There is no lack of proof that human beings do the most brutish things when their reasons and understandings are put to sleep by strong drink, while their sense-overseers and their animal powers still remain active. Every place and every day afford such in wretched abundance. One impressive instance, however, may perhaps be related with advantage. On the night of the 28th of June, 1856, two drunken men, whose names were James and Andrew Bracken, rushed brawling out from a beer shop in one of the suburbs of Manchester. They ran against two inoffensive passengers, and in their blind and brutish rage began beating them; one was knocked down and kicked about the head when on the ground. He was picked up thence a few minutes afterward and carried to the hospital, where it was found his skull had been broken. The poor fellow died in the course of the night.

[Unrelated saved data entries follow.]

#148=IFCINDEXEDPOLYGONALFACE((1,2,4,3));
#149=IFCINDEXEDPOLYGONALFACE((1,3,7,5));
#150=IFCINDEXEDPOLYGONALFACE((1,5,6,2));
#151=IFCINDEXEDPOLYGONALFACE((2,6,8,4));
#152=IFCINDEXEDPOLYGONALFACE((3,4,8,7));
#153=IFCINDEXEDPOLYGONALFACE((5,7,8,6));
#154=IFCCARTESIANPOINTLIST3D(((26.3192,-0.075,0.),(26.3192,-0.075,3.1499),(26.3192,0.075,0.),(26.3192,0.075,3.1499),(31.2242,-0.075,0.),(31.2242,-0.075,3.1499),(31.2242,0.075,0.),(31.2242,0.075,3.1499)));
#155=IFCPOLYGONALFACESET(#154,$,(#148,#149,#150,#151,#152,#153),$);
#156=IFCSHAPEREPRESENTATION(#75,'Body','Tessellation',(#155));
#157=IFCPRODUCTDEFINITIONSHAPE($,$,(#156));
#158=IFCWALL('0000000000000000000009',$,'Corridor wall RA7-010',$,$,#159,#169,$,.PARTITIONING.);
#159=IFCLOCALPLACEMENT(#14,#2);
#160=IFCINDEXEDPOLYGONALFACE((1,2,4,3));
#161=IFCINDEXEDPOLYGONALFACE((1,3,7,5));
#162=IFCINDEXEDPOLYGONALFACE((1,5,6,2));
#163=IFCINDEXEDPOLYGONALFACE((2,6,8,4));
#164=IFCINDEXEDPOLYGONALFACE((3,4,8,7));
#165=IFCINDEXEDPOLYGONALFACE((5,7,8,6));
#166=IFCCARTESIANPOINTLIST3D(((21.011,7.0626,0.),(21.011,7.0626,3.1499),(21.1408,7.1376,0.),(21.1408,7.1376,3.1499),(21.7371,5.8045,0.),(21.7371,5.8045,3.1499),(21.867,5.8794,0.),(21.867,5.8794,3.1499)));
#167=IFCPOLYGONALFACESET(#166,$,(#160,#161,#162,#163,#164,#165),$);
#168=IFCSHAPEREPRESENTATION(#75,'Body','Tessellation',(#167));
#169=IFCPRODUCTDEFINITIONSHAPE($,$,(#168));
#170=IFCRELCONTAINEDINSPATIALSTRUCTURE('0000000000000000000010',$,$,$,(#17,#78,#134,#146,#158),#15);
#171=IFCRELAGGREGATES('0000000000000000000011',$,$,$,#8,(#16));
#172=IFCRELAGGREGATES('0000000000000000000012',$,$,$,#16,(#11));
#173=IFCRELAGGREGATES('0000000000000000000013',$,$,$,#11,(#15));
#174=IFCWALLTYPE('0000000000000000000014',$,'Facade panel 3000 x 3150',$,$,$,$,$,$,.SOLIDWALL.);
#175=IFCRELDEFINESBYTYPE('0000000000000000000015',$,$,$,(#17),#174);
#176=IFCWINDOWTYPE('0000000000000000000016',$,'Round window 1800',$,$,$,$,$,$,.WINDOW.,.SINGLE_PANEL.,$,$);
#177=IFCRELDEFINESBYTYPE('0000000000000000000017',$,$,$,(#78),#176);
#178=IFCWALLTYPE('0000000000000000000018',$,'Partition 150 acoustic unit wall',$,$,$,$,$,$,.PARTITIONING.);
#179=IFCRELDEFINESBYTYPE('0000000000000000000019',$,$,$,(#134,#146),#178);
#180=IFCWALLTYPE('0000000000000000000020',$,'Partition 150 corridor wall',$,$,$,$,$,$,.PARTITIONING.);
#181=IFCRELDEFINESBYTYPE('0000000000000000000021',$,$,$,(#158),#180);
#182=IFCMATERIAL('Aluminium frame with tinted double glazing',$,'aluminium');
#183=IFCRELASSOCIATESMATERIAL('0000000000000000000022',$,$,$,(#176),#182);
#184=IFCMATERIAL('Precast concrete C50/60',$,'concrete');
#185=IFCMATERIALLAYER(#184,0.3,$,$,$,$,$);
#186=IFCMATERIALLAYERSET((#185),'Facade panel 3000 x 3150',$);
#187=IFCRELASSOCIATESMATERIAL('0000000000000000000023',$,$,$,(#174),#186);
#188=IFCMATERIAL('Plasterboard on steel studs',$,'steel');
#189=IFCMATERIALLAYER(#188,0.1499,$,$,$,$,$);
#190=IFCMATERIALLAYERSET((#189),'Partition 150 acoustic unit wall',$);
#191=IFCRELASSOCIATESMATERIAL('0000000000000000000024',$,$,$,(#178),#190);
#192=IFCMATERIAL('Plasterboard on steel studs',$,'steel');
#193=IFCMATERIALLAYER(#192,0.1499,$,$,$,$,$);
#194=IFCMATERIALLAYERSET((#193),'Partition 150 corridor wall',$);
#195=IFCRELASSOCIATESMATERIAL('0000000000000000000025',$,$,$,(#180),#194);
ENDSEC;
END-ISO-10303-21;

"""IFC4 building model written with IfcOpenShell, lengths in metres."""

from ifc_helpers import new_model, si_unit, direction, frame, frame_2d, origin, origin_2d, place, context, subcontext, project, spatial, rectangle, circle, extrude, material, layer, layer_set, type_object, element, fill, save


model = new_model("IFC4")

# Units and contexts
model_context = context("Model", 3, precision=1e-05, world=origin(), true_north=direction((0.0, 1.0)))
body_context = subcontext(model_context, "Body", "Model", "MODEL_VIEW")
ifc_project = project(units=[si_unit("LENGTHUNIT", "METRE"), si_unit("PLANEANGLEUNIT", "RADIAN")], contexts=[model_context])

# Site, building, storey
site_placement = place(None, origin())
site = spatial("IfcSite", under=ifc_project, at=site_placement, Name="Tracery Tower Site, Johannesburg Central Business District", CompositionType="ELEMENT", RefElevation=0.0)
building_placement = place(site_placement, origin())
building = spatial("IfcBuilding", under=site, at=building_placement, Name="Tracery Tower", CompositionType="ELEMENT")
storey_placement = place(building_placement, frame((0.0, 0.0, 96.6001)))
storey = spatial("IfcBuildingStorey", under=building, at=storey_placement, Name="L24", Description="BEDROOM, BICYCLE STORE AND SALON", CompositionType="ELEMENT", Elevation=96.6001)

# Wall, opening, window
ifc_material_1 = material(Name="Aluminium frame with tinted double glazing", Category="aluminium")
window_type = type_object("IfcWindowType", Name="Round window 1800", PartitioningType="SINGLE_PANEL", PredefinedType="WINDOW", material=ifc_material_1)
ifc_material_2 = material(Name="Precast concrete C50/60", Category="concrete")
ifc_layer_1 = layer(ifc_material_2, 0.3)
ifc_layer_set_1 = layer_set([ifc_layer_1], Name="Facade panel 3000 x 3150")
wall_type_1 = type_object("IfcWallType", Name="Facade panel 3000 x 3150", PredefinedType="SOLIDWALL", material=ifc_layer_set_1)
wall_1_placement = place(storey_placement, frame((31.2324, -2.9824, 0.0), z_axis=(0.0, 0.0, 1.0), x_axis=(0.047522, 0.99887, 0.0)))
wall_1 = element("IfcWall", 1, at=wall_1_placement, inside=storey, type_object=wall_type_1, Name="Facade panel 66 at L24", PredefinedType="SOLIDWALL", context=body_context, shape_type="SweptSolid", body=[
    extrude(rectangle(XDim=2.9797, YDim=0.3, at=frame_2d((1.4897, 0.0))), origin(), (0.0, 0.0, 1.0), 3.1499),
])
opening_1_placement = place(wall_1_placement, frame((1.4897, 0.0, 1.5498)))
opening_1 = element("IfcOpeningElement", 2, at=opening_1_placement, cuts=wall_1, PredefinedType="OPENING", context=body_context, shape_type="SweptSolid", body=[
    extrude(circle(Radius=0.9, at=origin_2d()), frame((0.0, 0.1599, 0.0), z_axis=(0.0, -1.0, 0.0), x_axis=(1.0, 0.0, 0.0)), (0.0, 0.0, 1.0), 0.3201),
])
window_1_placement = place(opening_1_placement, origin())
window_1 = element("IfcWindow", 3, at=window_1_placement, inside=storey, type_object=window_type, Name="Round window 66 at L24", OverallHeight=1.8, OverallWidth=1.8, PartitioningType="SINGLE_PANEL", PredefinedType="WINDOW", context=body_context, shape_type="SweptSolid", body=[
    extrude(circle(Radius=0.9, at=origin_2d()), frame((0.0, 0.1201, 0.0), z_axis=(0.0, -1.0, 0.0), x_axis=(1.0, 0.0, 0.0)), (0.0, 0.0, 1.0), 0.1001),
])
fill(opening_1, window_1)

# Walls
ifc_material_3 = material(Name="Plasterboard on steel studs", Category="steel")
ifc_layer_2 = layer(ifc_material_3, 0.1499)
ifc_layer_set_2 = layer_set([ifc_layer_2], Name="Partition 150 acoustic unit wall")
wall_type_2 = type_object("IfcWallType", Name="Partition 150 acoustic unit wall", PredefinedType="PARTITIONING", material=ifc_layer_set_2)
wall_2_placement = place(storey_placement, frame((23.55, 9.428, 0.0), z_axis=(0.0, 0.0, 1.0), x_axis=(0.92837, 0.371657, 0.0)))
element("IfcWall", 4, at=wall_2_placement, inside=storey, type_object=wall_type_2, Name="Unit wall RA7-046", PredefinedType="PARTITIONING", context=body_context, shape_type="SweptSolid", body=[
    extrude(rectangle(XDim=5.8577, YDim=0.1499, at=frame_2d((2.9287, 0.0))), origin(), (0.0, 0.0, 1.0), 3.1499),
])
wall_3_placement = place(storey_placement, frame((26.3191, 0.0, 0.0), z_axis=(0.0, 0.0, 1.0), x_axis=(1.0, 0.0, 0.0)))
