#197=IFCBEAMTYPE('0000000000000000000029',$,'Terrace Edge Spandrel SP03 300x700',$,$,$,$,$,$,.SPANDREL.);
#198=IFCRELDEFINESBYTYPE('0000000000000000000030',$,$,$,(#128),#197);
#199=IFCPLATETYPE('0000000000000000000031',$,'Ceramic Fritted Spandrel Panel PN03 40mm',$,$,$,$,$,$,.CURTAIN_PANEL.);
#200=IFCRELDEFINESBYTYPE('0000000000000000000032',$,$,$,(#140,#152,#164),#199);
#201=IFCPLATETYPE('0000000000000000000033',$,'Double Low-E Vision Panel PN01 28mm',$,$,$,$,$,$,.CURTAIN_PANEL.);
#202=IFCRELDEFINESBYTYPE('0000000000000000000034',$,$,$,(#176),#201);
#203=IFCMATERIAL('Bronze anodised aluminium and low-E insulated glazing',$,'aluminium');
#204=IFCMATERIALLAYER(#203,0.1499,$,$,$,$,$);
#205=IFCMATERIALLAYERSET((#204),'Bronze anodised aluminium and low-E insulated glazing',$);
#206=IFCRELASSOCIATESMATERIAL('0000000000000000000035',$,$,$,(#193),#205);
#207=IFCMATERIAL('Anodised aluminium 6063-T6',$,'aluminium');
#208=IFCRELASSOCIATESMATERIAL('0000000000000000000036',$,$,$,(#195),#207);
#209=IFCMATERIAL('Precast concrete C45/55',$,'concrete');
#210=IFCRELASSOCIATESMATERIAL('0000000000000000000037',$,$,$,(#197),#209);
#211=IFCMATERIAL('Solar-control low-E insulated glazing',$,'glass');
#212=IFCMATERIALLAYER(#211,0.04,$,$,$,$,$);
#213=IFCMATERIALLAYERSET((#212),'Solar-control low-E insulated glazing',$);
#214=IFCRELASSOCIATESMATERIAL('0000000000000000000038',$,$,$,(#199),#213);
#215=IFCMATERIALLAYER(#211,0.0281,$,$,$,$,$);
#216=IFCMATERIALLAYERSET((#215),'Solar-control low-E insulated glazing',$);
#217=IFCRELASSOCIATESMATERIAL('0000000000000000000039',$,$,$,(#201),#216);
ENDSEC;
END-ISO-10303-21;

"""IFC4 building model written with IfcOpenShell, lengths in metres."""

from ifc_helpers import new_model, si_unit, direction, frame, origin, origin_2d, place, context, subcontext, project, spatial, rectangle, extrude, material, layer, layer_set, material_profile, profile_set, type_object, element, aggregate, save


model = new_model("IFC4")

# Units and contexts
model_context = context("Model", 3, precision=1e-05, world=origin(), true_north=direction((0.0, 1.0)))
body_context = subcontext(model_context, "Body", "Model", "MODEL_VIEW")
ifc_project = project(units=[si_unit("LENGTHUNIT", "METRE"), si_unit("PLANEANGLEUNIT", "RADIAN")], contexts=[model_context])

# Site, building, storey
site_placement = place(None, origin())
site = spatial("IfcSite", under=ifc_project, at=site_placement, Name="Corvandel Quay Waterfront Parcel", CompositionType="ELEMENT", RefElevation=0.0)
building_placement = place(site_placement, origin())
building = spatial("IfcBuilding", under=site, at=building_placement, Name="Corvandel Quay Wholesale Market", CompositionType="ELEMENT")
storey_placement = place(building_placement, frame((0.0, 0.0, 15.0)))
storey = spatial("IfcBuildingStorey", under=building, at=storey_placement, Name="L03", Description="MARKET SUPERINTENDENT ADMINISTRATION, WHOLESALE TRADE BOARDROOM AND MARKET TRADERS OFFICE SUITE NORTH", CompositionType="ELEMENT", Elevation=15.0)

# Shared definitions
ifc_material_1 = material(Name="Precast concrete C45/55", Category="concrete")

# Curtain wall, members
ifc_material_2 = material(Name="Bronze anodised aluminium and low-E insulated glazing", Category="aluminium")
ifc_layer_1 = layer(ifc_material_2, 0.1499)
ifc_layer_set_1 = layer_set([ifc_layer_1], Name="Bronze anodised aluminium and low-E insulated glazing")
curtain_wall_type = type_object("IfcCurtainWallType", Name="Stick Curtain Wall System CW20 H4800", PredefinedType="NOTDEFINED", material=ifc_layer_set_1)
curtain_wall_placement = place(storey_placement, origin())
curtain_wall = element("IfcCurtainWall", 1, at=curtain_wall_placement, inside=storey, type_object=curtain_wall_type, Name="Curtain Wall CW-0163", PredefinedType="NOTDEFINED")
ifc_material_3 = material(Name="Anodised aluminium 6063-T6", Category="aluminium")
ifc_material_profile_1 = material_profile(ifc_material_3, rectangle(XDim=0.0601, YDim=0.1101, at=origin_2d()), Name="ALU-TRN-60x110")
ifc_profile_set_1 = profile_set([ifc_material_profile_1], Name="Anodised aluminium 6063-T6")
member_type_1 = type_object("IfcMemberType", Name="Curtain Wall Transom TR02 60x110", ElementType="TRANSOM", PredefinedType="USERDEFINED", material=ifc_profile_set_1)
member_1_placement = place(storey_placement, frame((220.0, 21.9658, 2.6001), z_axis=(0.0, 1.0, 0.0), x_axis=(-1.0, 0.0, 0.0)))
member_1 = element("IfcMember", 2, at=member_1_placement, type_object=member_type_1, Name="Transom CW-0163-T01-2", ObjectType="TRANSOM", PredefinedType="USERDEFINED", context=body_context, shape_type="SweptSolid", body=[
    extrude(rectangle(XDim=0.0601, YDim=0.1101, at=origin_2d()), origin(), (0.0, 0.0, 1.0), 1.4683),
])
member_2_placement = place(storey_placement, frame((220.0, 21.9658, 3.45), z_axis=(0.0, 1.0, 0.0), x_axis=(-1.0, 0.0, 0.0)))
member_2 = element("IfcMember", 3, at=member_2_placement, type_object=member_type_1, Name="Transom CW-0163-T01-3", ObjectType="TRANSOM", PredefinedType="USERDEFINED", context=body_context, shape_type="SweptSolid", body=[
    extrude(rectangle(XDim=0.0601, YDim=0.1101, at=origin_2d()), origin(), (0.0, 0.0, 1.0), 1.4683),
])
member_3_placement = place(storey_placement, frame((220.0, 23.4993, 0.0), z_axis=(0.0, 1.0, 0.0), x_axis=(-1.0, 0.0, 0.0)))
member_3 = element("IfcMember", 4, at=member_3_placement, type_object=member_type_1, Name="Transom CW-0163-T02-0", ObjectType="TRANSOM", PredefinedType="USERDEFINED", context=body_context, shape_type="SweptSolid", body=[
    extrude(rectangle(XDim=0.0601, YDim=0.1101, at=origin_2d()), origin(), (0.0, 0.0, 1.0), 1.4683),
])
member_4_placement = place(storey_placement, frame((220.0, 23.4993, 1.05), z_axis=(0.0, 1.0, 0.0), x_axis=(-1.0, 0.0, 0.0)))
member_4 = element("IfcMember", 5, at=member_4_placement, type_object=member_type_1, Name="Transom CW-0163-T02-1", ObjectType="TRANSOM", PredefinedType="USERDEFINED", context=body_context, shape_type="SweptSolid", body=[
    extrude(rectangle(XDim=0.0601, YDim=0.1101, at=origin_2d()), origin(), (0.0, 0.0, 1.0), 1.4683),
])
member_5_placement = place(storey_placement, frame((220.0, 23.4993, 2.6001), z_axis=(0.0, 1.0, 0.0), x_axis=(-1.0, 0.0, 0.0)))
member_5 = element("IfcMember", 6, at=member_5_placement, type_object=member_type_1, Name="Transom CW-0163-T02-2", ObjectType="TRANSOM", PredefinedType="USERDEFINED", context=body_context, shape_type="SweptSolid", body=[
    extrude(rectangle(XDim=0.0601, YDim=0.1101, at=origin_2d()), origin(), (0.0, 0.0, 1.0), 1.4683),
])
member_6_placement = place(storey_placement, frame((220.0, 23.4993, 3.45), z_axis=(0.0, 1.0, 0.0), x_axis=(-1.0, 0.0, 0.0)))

In the next assize court, at Liverpool, James and Andrew Bracken stood in the dock to be tried for their brutal act. The counsel who defended them said that it was only a drunken row, and there was no murder in the case, because neither of them knew what he was doing. The judge and the jury, on the other hand, decided that this was no excuse, because they ought to have known what they were doing. They had laid aside their reason and become brutal by their own voluntary act, and were therefore responsible for any deed they might perform while in the brutal state. The jury returned a verdict of wilful murder against Andrew Bracken, and the judge passed sentence of death upon him, coupling the sentence with these words: “You did an act, the ordinary consequences of which must have been to kill. It was a cruel and a brutal act, and you did it, wholly reckless of consequences. You have therefore very properly been convicted of wilful murder.” The wretched man was removed from the dock shrieking for mercy, with upraised hands, and exclaiming in heartrending tones, “Oh! mother, mother, that I should be hanged!” No doubt he was very much surprised to find himself a condemned convict and a murderer, and had never intended to be so. He had no spite against his victim, and had probably never even exchanged a word with him. No drunkard, therefore, when about to put his reason to sleep by intoxicating liquor, should ever overlook the fact that he will for the time cease to have control over his actions, and that when that reason awakes, he may find himself like Andrew Bracken, a prisoner and a murderer. Whether he do so or not will depend on no will or determination of his own, but upon the mere series of accidents that will surround him while in his self-inflicted, helpless, and brutal state.

The case of Andrew Bracken, sad and striking as it is, by no means stands alone in the annals of crime. At the assize, held at Lancaster in March, 1854, it was shown that in that single court 380 cases of grave crime had been detected and punished within a very short period, and that of the 380 cases 250, including nine murders, were to be directly traced to the influence of drunkenness.